A financial institution on the east coast was fined $368,000 this August for money laundering violations.

The fact that it had been fined for criminal charges was not the worst of the story, reported in the August 1 American Banker. Worse than the fine in 1990 was the fact that in 1986 the bank in question had been warned and cited for instances of having improperly exempted transactions from reporting.

But between 1986 and 1990 it had taken no action toward remedying what Treasury called "a woefully inadequate Bank Secrecy Act compliance program which led to a number of violations and created a situation ripe for money laundering."

Many other financial institutions have been fined hundreds of thousands of dollars for the same offense during the past year. How can it be that in 1990 there still exists any institution that is not aware of the exposure and vulnerability to money laundering and takes no action to protect itself?
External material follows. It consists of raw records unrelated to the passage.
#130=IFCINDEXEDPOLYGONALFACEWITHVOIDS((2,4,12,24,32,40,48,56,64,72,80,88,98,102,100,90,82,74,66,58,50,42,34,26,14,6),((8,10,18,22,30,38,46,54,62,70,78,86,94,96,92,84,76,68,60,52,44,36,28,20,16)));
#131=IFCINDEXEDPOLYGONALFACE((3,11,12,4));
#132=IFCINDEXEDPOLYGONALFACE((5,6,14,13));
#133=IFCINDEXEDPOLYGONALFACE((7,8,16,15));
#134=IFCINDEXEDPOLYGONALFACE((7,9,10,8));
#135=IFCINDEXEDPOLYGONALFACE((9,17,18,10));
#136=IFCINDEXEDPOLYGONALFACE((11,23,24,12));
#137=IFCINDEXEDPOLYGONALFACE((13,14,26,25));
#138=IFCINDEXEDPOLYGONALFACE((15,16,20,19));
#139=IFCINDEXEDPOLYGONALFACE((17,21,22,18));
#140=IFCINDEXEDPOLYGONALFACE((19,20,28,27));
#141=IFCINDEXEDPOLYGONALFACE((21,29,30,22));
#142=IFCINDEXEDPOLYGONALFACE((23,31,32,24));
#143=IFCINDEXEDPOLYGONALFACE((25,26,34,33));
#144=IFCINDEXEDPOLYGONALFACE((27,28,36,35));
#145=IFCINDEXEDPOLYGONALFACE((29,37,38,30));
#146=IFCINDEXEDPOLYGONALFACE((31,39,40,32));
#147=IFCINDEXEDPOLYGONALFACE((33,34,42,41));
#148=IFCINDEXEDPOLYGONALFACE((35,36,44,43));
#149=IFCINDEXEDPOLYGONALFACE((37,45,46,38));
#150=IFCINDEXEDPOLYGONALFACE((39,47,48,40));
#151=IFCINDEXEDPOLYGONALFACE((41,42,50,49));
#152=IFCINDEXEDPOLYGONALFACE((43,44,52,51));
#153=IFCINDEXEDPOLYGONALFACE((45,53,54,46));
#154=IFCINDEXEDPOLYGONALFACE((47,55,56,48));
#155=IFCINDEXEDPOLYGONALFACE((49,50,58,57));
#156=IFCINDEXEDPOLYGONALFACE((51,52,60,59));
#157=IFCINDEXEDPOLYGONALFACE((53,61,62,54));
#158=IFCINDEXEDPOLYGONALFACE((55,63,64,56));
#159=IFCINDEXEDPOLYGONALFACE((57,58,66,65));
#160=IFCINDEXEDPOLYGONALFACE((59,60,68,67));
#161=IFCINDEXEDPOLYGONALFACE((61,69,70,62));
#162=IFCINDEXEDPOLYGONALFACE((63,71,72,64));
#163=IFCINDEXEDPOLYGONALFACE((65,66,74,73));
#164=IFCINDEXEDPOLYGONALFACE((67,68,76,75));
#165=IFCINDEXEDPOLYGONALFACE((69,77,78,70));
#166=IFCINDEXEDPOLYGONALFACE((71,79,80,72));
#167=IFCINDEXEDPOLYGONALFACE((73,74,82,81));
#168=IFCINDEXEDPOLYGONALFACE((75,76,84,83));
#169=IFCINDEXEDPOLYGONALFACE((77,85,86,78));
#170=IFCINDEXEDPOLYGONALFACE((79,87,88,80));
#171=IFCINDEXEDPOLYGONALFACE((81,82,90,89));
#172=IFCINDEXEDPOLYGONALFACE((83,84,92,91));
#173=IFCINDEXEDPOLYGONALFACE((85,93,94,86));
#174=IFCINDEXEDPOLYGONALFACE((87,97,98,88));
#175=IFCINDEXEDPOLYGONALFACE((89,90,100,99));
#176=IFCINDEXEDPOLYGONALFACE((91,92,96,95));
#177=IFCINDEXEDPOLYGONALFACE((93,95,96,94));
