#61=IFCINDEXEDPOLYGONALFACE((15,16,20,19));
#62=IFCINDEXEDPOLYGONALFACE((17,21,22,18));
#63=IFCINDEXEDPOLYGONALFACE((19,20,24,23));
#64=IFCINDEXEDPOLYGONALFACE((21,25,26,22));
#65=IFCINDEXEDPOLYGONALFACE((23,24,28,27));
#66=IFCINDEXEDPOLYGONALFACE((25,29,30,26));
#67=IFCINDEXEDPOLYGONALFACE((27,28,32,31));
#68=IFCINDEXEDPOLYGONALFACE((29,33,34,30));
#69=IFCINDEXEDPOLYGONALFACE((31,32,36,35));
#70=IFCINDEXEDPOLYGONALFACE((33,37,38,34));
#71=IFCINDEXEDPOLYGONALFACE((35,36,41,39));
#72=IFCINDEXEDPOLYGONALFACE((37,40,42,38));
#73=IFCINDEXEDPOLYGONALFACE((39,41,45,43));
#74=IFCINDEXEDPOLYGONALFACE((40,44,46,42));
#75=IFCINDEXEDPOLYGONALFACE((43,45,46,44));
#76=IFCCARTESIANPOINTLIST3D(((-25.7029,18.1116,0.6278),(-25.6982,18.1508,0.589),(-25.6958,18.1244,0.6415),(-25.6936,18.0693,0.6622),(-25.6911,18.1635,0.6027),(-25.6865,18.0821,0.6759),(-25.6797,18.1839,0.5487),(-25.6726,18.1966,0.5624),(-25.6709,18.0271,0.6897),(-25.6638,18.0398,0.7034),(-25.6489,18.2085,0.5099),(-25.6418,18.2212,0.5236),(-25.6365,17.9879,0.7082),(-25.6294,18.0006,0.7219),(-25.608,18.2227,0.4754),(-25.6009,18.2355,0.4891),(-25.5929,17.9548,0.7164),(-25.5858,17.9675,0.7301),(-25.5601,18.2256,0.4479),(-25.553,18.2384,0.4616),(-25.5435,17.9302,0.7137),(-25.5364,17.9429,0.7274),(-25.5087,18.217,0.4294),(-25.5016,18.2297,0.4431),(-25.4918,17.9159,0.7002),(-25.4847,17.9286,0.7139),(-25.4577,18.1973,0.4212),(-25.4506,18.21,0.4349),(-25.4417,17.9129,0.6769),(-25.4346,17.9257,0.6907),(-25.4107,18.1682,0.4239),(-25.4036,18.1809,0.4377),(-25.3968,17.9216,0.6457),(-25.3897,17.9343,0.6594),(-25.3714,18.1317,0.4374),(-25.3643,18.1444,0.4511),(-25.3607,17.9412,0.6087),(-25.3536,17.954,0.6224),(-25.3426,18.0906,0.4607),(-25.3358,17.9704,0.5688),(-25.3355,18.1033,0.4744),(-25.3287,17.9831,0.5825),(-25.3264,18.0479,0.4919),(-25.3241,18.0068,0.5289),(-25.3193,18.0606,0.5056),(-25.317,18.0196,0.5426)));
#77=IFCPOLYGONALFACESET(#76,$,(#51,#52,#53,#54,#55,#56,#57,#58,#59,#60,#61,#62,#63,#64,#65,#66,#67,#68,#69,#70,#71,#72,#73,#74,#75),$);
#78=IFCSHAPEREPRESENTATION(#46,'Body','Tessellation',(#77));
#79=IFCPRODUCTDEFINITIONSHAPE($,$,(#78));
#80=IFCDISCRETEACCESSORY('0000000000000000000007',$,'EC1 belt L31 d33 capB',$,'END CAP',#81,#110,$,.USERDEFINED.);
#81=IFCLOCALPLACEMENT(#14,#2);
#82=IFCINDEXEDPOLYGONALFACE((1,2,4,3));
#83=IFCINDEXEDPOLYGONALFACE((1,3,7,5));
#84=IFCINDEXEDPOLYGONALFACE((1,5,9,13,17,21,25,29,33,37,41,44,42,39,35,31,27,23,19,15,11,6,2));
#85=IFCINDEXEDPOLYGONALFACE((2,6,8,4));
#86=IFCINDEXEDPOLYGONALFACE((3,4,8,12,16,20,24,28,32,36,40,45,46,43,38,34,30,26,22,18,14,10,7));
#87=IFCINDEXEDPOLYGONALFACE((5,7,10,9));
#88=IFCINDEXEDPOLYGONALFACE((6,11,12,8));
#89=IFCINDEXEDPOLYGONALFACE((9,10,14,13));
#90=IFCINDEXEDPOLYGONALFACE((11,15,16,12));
The Bank Administration Institute conducted a poll which indicated that the majority of financial institution managers consider training a critical issue over the next two years. However, many institutions (close to half, according to the survey) do not have formal training programs.

There are certain areas where training is not only advisable, it is also mandatory, according to the law of the land. Three of these areas are:

Regulation CC (any employees who have any responsibility in the availability of funds must be informed of the law and the regulation)
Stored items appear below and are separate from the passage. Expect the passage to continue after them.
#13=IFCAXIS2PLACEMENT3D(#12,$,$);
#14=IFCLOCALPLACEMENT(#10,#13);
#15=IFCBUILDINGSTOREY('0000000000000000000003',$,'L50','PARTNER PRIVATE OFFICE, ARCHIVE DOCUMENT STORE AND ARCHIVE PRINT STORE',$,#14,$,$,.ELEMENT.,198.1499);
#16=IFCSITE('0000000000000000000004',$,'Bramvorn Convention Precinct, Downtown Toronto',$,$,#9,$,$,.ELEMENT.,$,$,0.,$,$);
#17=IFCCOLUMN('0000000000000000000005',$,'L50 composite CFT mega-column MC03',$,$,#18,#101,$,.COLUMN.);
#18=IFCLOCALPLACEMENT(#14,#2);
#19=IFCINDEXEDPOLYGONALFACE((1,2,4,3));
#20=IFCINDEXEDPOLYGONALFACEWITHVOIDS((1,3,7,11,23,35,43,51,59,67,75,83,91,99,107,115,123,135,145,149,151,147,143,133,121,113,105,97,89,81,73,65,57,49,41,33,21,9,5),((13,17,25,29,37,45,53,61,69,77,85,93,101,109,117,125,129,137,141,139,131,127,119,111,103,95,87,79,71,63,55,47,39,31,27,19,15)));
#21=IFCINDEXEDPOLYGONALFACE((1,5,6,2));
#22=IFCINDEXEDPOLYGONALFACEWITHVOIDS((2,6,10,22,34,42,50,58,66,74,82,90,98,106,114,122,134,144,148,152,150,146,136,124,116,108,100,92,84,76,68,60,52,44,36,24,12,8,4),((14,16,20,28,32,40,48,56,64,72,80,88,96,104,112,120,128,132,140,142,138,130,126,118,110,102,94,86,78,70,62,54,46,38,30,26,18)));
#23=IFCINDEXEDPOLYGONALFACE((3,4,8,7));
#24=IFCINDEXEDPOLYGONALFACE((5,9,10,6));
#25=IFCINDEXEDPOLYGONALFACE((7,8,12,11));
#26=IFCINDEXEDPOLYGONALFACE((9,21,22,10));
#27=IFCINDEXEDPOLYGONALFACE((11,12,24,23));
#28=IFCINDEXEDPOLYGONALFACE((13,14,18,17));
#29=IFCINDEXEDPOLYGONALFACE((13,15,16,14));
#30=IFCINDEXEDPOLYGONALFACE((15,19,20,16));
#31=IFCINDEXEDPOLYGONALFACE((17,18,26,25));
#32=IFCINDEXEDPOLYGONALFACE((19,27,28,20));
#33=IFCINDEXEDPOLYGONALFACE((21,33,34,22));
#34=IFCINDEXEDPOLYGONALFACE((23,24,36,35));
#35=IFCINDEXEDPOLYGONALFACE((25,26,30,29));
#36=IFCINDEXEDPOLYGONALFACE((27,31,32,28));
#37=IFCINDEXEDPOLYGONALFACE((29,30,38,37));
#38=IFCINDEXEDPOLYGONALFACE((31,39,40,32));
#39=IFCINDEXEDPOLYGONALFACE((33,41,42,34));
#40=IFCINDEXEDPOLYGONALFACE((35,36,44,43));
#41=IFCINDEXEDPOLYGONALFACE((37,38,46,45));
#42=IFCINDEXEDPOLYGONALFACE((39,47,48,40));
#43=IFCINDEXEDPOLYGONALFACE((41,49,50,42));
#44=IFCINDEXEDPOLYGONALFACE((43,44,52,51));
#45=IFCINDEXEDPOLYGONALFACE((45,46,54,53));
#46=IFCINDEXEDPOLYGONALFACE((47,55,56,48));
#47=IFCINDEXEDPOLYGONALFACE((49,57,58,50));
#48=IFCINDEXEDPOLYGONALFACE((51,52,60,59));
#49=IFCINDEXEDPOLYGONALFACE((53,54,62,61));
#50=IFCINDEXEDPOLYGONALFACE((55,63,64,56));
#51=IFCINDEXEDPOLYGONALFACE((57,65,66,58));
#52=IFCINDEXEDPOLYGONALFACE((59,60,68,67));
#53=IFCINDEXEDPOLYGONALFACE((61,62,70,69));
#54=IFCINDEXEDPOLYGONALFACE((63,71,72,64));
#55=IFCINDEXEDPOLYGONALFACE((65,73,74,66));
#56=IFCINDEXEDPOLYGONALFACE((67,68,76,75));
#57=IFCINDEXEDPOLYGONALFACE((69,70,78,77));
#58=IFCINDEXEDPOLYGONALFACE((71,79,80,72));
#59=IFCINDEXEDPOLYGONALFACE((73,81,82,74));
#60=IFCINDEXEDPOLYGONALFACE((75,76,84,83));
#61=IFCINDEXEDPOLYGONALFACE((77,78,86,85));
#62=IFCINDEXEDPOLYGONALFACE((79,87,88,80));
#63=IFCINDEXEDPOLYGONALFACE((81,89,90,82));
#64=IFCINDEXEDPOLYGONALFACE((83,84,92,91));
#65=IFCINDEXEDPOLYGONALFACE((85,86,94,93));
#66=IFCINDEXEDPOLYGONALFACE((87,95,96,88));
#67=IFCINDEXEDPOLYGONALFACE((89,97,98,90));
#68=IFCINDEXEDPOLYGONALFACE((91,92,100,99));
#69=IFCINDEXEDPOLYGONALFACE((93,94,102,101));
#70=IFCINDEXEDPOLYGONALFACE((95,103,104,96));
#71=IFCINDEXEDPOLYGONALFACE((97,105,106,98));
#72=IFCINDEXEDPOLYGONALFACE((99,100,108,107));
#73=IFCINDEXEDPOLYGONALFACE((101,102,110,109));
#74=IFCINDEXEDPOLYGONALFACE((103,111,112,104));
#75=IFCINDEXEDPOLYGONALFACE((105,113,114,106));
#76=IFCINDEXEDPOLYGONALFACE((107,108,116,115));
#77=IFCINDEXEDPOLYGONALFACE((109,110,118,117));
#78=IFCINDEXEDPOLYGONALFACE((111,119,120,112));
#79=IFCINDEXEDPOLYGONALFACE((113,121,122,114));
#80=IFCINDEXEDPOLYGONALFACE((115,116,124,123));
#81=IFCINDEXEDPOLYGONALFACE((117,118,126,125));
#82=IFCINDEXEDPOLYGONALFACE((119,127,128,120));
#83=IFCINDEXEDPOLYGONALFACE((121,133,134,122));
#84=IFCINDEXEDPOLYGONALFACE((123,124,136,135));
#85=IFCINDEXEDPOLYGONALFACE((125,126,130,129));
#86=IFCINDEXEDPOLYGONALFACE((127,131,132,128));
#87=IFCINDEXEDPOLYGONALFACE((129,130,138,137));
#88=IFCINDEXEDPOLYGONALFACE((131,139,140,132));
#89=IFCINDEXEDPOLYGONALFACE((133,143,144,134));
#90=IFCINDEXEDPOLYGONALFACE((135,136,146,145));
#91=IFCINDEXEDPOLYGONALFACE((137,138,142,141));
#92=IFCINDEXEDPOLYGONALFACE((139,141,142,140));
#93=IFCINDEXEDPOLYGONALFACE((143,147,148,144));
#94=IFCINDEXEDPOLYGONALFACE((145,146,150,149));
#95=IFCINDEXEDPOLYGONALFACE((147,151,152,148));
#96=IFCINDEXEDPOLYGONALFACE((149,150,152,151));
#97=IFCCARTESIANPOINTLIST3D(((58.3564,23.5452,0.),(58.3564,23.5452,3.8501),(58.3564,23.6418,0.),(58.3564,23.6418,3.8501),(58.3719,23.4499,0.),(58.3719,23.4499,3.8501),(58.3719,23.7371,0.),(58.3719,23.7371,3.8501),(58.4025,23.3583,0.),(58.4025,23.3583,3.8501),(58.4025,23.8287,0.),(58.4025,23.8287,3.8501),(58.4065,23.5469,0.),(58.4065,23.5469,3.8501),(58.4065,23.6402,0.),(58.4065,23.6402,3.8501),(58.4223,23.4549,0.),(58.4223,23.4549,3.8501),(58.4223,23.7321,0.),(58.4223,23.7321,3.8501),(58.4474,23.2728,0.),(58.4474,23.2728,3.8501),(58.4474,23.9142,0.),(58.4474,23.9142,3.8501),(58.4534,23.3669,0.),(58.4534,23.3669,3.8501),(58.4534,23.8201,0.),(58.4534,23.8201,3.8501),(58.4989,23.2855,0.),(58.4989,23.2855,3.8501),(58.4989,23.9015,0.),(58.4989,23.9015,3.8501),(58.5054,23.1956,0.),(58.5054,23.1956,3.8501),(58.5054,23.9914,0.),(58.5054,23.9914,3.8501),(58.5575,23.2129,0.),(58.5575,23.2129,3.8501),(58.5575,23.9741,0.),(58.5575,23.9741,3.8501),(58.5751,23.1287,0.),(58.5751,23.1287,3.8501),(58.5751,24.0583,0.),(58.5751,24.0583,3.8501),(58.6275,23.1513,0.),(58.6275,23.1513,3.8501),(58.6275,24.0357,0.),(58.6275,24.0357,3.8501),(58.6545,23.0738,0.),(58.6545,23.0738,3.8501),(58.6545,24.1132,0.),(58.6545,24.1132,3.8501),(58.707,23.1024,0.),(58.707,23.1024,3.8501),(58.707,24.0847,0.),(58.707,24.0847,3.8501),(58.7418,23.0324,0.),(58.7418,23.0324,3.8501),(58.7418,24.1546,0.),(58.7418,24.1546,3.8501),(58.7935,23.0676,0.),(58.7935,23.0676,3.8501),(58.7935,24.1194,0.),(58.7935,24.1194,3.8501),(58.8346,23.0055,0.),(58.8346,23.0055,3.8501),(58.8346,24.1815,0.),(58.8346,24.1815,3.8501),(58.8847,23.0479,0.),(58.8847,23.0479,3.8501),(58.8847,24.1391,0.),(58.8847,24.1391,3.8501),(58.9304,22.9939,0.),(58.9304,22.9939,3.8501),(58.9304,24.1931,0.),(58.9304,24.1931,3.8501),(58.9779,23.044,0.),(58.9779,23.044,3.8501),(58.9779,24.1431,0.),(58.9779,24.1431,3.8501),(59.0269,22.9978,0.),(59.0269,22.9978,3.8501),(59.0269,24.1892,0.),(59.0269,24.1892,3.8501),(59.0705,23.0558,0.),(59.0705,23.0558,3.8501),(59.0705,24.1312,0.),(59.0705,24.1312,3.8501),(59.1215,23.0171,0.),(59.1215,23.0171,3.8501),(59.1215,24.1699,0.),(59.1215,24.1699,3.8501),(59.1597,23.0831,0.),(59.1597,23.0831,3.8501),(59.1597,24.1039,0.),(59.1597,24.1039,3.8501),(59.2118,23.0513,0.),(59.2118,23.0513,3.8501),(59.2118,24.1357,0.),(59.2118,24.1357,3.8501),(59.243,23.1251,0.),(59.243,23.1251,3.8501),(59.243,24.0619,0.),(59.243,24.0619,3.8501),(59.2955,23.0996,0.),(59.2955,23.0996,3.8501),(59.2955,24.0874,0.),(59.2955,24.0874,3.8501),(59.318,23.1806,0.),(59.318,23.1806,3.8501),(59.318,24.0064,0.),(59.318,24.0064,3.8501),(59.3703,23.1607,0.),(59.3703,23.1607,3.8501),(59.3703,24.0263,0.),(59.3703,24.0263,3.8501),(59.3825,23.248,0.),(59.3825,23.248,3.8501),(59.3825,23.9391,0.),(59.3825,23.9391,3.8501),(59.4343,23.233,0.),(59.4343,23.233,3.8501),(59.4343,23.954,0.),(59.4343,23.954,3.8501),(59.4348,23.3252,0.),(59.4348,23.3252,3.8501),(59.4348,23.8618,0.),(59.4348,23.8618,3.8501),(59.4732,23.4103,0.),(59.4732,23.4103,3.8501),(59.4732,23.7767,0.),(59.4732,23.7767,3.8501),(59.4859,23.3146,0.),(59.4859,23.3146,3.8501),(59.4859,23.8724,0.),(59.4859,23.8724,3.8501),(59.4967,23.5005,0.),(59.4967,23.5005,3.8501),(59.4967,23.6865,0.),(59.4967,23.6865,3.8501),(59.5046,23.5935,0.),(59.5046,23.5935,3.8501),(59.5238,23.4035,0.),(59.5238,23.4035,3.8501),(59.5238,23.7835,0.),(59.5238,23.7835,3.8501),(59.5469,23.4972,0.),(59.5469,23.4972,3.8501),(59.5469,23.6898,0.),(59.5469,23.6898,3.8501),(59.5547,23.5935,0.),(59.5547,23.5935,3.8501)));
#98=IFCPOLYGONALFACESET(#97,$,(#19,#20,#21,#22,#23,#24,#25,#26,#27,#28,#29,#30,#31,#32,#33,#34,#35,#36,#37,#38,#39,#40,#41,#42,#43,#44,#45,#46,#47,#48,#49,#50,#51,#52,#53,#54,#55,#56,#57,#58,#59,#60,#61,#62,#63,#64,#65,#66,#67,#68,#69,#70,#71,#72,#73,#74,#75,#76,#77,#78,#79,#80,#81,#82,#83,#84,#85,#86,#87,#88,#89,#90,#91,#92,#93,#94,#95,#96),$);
The Bank Protection Act (which requires training in case of robbery, among other requirements) and

The Bank Secrecy Act (including the Drug Abuse Act, Money Laundering and currency transaction reporting.)

These training requirements are not new, and should be familiar to every banker. However, in the banking industry where mergers, job shifts, lay-offs and the importing of management from other industries is common, the basic requirements are often overlooked.

Sometimes, the required training is pushed down the list of priorities-replaced by cross selling training, or product knowledge training. These programs are often expensive and time consuming. The responsibility of the required training is then relegated to "on-the-job" training.

A call came into this office one day from a small institution that wanted a loss prevention program for their tellers. The Security Officer explained that he wanted to make tentative plans for the session, but we had to wait until the sales promotion was over. They had a bonus program going for new accounts at the time, and management didn't want to complicate the image of selling by "cluttering up the minds of the customer service reps and the tellers with things like identification and verification!" We could tell there was considerable conflict between the Security Officer and the Marketing Officer!

Much to their dismay, the loss prevention training was too late. By the time we scheduled the seminar, they had opened several fraudulent accounts and a kiting scheme cost them over $300,000. The information on the new accounts application was easily discernable to an experienced, trained new accounts representative as being fraudulent. The loss could have been prevented by the proper training of new accounts personnel.

Marketing and Security need to sit down together and discuss priorities. They can be too costly to ignore!